On the other sideline, Texas A&M has seen a downtick in talent over the past few seasons. However, they still have a few prospects worth mentioning. Colton Prater (junior tackle, #76) has the physical profile and the traits to be a top tackle prospect if he can be more consistent. He will be blocking for Trayveon Williams (junior running back, #5), who is the focal point of the Aggie offense. Daylon Mack (senior defensive tackle, #34) and Kingsley Keke (senior defensive tackle, #8) may not be the Clemson defensive line, but are both strong prospects in their own right who can garner some buzz with a strong performance against one of the top teams in the nation.

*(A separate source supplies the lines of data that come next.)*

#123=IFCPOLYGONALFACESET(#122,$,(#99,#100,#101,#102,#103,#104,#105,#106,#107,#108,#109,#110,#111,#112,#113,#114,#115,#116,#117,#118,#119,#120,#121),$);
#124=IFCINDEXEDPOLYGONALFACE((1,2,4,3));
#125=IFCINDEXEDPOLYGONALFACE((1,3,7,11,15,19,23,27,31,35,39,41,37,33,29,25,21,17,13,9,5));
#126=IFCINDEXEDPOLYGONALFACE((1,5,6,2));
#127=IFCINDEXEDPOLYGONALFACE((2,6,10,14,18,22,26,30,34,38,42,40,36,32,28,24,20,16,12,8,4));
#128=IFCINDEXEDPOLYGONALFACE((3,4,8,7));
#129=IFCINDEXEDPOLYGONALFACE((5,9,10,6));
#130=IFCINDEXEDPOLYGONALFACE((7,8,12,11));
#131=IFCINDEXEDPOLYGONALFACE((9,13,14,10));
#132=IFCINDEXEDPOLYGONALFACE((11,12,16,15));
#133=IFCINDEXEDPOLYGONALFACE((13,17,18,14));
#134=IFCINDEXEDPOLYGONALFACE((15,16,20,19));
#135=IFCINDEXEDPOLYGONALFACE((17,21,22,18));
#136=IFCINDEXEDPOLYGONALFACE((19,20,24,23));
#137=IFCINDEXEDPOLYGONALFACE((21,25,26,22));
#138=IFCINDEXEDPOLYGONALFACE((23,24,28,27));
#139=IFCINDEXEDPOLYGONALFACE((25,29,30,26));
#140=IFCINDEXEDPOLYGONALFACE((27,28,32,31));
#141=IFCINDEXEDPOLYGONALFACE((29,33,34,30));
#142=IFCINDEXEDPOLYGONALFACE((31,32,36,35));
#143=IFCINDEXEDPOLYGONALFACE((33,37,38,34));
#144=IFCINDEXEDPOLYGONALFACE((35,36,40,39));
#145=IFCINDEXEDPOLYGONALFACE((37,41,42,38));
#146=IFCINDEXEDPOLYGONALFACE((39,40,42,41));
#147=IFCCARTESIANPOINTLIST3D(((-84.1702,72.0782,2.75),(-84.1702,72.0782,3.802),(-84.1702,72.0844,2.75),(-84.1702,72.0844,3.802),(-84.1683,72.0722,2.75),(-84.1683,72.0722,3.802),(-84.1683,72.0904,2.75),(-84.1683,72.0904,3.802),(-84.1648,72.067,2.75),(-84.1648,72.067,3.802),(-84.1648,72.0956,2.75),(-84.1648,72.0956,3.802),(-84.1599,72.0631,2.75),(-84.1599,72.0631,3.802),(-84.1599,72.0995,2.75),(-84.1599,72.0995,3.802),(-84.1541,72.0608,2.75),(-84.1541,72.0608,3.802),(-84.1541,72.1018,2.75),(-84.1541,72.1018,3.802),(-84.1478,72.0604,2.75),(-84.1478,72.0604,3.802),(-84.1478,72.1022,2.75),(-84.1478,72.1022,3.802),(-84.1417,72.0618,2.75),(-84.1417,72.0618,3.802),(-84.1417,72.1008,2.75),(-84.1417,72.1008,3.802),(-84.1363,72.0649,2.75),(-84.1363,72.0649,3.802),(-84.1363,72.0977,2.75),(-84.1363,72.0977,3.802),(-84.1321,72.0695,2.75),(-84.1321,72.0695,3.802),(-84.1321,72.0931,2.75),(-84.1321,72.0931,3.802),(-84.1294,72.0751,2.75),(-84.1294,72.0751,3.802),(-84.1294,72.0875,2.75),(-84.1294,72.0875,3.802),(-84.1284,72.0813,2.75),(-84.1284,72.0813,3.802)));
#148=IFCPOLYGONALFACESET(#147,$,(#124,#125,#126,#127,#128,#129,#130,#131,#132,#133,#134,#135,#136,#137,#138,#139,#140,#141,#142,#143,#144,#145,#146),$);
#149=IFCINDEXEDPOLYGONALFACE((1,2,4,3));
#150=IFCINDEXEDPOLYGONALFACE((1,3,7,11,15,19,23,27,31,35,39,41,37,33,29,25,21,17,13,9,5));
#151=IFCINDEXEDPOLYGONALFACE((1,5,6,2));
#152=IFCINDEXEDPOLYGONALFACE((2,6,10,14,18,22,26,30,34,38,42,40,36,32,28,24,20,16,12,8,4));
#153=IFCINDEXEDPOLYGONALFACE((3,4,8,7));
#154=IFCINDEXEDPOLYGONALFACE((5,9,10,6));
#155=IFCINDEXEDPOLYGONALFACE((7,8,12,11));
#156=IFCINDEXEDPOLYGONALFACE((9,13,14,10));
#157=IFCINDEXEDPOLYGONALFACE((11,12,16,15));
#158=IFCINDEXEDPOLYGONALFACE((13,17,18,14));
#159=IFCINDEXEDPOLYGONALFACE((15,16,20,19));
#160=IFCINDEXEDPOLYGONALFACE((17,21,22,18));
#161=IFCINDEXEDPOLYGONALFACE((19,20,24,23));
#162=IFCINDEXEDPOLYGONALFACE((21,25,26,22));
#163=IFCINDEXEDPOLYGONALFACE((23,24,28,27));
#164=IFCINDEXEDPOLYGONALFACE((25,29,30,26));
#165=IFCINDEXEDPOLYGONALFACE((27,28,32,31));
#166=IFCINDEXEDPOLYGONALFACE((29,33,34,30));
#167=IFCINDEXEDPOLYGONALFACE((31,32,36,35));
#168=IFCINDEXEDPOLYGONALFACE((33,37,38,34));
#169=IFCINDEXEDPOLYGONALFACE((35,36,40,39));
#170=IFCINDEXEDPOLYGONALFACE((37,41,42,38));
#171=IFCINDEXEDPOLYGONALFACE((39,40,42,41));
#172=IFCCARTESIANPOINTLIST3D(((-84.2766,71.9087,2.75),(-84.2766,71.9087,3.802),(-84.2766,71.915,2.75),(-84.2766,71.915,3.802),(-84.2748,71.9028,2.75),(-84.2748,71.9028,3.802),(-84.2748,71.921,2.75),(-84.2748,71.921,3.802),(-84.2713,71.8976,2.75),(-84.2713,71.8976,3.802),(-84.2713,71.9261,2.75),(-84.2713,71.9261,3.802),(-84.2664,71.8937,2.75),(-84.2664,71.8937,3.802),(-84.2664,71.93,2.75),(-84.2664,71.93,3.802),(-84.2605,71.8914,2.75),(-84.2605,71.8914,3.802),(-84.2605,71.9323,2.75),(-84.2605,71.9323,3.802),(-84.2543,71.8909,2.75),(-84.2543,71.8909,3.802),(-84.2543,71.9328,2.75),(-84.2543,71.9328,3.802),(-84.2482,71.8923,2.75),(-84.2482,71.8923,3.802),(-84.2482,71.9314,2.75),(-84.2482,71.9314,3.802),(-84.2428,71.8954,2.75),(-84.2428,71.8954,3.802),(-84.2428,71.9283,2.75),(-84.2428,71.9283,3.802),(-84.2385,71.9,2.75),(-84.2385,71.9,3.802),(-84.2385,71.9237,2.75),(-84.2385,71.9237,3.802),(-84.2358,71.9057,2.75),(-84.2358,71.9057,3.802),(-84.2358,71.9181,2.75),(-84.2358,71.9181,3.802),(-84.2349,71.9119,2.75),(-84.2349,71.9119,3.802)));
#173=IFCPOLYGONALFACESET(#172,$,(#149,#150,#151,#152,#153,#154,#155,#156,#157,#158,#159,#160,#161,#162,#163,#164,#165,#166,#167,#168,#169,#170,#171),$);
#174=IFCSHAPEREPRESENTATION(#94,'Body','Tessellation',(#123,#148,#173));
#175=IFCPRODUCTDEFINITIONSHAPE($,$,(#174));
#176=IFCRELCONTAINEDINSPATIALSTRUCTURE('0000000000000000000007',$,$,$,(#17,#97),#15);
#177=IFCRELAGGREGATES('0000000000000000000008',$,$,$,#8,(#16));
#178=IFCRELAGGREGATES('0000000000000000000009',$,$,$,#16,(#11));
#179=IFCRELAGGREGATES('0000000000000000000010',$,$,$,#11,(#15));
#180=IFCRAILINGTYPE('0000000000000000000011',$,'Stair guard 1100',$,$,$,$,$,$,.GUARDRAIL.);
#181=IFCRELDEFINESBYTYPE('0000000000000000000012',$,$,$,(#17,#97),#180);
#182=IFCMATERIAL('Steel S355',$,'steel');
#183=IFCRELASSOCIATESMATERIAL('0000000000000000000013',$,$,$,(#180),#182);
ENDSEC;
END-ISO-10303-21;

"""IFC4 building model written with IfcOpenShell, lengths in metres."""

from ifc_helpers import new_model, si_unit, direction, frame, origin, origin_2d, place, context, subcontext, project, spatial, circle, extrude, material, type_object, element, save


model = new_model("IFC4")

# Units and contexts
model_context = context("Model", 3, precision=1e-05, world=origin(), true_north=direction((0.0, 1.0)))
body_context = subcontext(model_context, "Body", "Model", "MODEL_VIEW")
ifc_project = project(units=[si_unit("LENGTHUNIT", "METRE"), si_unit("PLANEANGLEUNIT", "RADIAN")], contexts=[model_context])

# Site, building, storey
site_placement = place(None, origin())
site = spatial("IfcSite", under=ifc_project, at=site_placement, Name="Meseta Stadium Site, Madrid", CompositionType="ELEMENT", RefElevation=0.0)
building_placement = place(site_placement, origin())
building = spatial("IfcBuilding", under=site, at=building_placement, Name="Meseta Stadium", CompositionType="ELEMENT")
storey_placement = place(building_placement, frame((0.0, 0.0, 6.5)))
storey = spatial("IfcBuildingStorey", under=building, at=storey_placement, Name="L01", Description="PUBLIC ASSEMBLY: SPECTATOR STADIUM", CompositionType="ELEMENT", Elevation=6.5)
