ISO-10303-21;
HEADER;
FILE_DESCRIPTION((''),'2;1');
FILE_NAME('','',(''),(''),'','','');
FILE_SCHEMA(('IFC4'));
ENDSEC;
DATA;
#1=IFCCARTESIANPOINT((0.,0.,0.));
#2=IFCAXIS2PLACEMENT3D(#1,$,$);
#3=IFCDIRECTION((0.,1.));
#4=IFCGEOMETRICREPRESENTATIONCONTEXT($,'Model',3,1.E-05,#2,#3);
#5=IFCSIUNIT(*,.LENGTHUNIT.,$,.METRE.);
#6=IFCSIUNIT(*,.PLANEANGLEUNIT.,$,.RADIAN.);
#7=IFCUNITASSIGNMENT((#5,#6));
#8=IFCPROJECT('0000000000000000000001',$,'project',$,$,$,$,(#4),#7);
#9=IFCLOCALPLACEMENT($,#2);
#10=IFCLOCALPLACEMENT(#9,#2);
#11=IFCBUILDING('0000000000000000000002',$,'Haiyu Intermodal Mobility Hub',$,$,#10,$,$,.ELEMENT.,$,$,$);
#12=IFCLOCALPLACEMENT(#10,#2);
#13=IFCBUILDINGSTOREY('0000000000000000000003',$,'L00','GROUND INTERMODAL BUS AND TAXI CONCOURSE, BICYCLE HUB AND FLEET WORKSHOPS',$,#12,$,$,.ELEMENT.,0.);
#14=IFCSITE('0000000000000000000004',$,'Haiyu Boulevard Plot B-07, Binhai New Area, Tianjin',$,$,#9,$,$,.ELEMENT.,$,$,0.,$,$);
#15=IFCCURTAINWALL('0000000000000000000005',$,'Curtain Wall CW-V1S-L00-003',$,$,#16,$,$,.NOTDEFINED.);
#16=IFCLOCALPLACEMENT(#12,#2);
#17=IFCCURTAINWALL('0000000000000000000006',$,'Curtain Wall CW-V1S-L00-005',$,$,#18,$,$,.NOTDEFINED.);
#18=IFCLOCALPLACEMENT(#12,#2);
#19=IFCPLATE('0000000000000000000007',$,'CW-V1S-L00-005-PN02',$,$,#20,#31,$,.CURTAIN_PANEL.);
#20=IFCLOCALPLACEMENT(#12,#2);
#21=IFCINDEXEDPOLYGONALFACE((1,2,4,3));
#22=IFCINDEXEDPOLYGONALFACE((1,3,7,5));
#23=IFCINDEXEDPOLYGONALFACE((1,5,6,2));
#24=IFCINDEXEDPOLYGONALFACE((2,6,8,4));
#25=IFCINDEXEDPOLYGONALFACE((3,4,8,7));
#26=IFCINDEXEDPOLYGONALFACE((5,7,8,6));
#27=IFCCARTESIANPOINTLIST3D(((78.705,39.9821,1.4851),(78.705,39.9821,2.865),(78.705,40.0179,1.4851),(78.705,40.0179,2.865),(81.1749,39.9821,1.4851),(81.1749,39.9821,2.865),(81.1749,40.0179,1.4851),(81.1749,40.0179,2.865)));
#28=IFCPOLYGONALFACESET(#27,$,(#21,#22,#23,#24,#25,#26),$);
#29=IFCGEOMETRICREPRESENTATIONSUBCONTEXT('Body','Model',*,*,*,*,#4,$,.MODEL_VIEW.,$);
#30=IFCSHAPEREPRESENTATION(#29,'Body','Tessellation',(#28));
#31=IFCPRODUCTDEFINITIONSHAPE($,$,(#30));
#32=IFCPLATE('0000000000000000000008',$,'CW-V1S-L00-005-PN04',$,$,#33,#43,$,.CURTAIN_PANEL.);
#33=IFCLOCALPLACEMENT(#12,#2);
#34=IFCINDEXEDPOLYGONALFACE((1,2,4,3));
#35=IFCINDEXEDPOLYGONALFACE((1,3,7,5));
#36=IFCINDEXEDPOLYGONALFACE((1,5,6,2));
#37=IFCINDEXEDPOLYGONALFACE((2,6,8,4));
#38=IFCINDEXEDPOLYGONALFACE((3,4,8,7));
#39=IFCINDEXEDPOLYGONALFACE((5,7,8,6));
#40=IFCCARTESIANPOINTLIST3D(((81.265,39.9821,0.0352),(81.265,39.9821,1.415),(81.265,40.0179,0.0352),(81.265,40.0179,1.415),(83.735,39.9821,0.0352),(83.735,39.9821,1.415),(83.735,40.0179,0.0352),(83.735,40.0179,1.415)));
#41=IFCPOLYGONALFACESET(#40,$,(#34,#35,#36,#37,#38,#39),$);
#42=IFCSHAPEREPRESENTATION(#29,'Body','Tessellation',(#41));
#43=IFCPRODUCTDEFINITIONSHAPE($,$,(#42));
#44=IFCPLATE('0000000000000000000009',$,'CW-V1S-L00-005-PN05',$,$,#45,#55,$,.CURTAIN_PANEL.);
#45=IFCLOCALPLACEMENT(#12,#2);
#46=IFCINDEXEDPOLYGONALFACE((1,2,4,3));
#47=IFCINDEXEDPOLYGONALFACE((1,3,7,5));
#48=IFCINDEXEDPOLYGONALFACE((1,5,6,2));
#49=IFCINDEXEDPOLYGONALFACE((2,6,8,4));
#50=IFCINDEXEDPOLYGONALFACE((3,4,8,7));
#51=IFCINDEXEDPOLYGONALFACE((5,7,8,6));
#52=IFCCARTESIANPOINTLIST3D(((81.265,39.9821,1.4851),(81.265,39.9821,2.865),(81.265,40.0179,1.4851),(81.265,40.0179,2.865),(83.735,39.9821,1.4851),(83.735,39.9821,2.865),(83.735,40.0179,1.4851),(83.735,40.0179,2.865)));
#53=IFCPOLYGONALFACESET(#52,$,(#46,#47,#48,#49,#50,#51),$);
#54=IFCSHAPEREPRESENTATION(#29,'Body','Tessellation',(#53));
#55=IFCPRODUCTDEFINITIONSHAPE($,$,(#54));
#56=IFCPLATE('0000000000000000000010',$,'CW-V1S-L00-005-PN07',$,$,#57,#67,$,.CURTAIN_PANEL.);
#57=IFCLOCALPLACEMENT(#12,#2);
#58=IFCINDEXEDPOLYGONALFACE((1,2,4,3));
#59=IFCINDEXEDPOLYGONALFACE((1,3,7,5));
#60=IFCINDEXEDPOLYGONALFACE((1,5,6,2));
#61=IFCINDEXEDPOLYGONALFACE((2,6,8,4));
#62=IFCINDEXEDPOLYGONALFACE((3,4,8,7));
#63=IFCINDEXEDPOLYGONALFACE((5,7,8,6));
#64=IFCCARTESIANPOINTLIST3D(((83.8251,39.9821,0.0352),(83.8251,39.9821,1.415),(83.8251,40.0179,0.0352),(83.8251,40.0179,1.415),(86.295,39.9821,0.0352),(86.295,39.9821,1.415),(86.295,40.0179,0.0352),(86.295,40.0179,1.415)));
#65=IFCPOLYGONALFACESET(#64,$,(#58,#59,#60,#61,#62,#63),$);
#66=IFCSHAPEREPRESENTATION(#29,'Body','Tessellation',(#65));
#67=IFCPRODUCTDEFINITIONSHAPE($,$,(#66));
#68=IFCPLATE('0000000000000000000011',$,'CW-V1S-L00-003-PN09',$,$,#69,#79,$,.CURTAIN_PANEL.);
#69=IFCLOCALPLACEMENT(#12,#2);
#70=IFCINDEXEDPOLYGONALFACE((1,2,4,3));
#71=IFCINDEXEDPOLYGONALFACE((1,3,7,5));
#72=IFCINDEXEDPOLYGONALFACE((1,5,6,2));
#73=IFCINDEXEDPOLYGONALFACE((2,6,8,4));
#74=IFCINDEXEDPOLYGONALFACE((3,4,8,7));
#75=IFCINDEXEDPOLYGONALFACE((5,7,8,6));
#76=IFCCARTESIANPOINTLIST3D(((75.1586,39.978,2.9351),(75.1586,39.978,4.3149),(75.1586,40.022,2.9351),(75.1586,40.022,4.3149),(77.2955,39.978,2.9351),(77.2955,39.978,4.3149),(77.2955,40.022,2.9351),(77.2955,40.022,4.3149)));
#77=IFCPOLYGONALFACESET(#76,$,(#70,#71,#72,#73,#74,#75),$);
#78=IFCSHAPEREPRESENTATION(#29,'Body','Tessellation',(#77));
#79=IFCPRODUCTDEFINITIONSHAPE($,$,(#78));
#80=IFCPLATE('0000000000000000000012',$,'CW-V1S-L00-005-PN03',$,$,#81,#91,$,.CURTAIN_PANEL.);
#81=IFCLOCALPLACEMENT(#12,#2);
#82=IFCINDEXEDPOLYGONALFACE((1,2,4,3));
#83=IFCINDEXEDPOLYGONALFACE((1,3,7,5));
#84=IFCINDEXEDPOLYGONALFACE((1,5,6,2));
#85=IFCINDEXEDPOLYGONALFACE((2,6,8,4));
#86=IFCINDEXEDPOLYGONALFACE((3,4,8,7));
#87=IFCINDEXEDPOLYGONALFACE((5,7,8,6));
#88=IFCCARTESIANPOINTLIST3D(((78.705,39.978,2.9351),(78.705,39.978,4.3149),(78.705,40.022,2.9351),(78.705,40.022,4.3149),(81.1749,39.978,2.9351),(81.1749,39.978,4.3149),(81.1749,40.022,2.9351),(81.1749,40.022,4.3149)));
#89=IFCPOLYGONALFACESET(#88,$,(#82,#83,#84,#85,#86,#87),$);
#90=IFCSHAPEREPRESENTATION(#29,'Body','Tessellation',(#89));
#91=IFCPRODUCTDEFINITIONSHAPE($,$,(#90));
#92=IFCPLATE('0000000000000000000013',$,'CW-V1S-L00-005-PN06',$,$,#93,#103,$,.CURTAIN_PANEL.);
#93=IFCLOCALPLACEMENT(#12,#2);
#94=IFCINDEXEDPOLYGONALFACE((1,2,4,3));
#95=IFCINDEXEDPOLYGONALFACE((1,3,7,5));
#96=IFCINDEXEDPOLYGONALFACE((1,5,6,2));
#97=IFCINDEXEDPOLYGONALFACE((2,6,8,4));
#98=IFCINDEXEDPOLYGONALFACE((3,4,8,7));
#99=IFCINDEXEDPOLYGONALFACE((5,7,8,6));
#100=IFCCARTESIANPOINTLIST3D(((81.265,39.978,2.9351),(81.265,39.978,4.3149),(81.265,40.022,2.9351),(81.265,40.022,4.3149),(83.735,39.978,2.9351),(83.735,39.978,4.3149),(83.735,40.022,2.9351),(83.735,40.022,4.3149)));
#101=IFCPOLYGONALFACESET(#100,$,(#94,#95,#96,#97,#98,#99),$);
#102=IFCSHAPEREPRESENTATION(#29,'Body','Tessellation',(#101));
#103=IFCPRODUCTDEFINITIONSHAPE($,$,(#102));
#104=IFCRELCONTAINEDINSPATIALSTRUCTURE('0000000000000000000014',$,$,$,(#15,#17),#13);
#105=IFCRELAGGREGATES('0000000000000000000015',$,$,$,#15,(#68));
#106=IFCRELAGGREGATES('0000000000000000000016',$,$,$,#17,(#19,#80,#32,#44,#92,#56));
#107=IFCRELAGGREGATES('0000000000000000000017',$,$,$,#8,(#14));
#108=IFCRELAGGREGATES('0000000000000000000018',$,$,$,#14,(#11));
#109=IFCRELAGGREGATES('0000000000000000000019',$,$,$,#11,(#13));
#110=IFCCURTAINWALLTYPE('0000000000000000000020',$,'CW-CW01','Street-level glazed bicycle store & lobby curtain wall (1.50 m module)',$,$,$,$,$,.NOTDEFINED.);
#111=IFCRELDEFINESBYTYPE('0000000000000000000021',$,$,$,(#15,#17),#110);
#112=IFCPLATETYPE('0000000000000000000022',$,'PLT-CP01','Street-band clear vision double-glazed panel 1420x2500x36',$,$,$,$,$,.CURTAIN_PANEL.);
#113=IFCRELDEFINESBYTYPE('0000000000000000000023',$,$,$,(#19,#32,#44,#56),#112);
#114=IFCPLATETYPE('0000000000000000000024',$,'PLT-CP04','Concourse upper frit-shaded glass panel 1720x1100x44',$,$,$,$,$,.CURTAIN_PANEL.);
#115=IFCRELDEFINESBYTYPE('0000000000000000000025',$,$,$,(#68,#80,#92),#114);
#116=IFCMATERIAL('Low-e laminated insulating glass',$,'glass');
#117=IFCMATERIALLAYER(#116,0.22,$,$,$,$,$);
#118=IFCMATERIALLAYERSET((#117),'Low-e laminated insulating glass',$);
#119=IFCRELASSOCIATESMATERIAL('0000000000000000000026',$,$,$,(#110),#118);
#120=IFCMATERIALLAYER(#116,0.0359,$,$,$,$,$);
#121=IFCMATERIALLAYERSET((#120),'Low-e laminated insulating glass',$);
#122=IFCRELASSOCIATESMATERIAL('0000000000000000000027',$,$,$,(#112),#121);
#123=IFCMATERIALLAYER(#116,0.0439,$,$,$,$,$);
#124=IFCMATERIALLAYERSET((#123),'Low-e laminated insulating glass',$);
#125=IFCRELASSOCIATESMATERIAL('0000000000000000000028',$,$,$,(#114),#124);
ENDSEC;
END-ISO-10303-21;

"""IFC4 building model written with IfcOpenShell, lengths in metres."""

from ifc_helpers import new_model, si_unit, direction, frame, origin, origin_2d, place, context, subcontext, project, spatial, rectangle, extrude, material, layer, layer_set, type_object, element, aggregate, save


model = new_model("IFC4")

# Units and contexts
model_context = context("Model", 3, precision=1e-05, world=origin(), true_north=direction((0.0, 1.0)))
body_context = subcontext(model_context, "Body", "Model", "MODEL_VIEW")
ifc_project = project(units=[si_unit("LENGTHUNIT", "METRE"), si_unit("PLANEANGLEUNIT", "RADIAN")], contexts=[model_context])

# Site, building, storey
site_placement = place(None, origin())
site = spatial("IfcSite", under=ifc_project, at=site_placement, Name="Haiyu Boulevard Plot B-07, Binhai New Area, Tianjin", CompositionType="ELEMENT", RefElevation=0.0)
building_placement = place(site_placement, origin())
building = spatial("IfcBuilding", under=site, at=building_placement, Name="Haiyu Intermodal Mobility Hub", CompositionType="ELEMENT")
storey_placement = place(building_placement, origin())
storey = spatial("IfcBuildingStorey", under=building, at=storey_placement, Name="L00", Description="GROUND INTERMODAL BUS AND TAXI CONCOURSE, BICYCLE HUB AND FLEET WORKSHOPS", CompositionType="ELEMENT", Elevation=0.0)

# Curtain wall
ifc_material_1 = material(Name="Low-e laminated insulating glass", Category="glass")
ifc_layer_1 = layer(ifc_material_1, 0.22)
ifc_layer_set_1 = layer_set([ifc_layer_1], Name="Low-e laminated insulating glass")
curtain_wall_type = type_object("IfcCurtainWallType", Name="CW-CW01", Description="Street-level glazed bicycle store & lobby curtain wall (1.50 m module)", PredefinedType="NOTDEFINED", material=ifc_layer_set_1)
curtain_wall_1_placement = place(storey_placement, origin())
curtain_wall_1 = element("IfcCurtainWall", 1, at=curtain_wall_1_placement, inside=storey, type_object=curtain_wall_type, Name="Curtain Wall CW-V1S-L00-003", PredefinedType="NOTDEFINED")

# Curtain wall
curtain_wall_2_placement = place(storey_placement, origin())
curtain_wall_2 = element("IfcCurtainWall", 2, at=curtain_wall_2_placement, inside=storey, type_object=curtain_wall_type, Name="Curtain Wall CW-V1S-L00-005", PredefinedType="NOTDEFINED")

University of Southern California at Stanford - 8:30 PM, FOX

For a nightcap, we have the second major rivalry game of the day with Stanford-USC. It seems like every year we say that USC is finally back, but this year, it may actually be the case. Tyler Petite (senior tight end, #82) and Daniel Imatorbhebhe (junior tight end, #88) form one of the best tight end duos in the country. Toa Lobendahn (senior guard/center, #50) leads the offensive line with the skill of a tackle but the length of a guard. Cameron Smith (senior linebacker, #35) and Marvell Tell III (senior safety, #7) could easily be Day 2 picks on defense, while Porter Gustin (senior outside linebacker, #45), Iman Marshall (senior cornerback, #8), and Christian Rector (junior defensive end, #89) could be later round prospects if they are able to put USC back on top of the PAC-12.

Stanford’s powerful offense will look to find balance, with Bryce Love (senior running back, #20) hoping to rebound from a weak first game and J.J. Arcega-Whiteside (junior wide receiver, #19) looking to maintain his dominating week one performance. Kaden Smith (junior tight end, #82), Nate Herbig (junior guard, #63), Jesse Burkett (senior center, #73), A.T. Hall (senior tackle, #75), Brandon Fanaika (senior guard, #71), and Trenton Irwin (senior wide receiver, #2) all hope to continue their strong start from last week. On defense, Bobby Okereke (senior linebacker, #20) and Alijah Holder (senior cornerback, #13) will be tested against USC. Jake Bailey (senior punter, #14) is one of the best punting prospects in the nation, and may be a difference-maker if the game turns into a field position battle.

Michigan State University at Arizona State University - 10:45 PM, ESPN

Michigan State features the above-mentioned Brian Lewerke (junior quarterback, #14), who leads an offense with some dynamic and balanced weapons, including Felton Davis III (senior wide receiver, #18), L.J. Scott (senior running back, #3), Matt Sokol (senior tight end, #81). On defense, Khari Willis (senior safety, #27), David Dowell (junior safety, #6), Justin Layne (junior cornerback, #2), Raequan Williams (junior defensive tackle, #99), and Joe Bachie (junior linebacker, #32) all have hopes of being drafted from a talented Michigan State team that could compete for a Big Ten East Division title this year.

Arizona State may not have the numbers of other schools, but their top-end talent is up there with anybody. N'Keal Harry (junior wide receiver, #1) is the WR1 for many scouts, and a dominating performance against a Big Ten defense could go a long way towards cementing his status there. Manny Wilkins (senior quarterback, #5) will do everything he can to help him get there, but is also a late-round possibility at quarterback in his own right.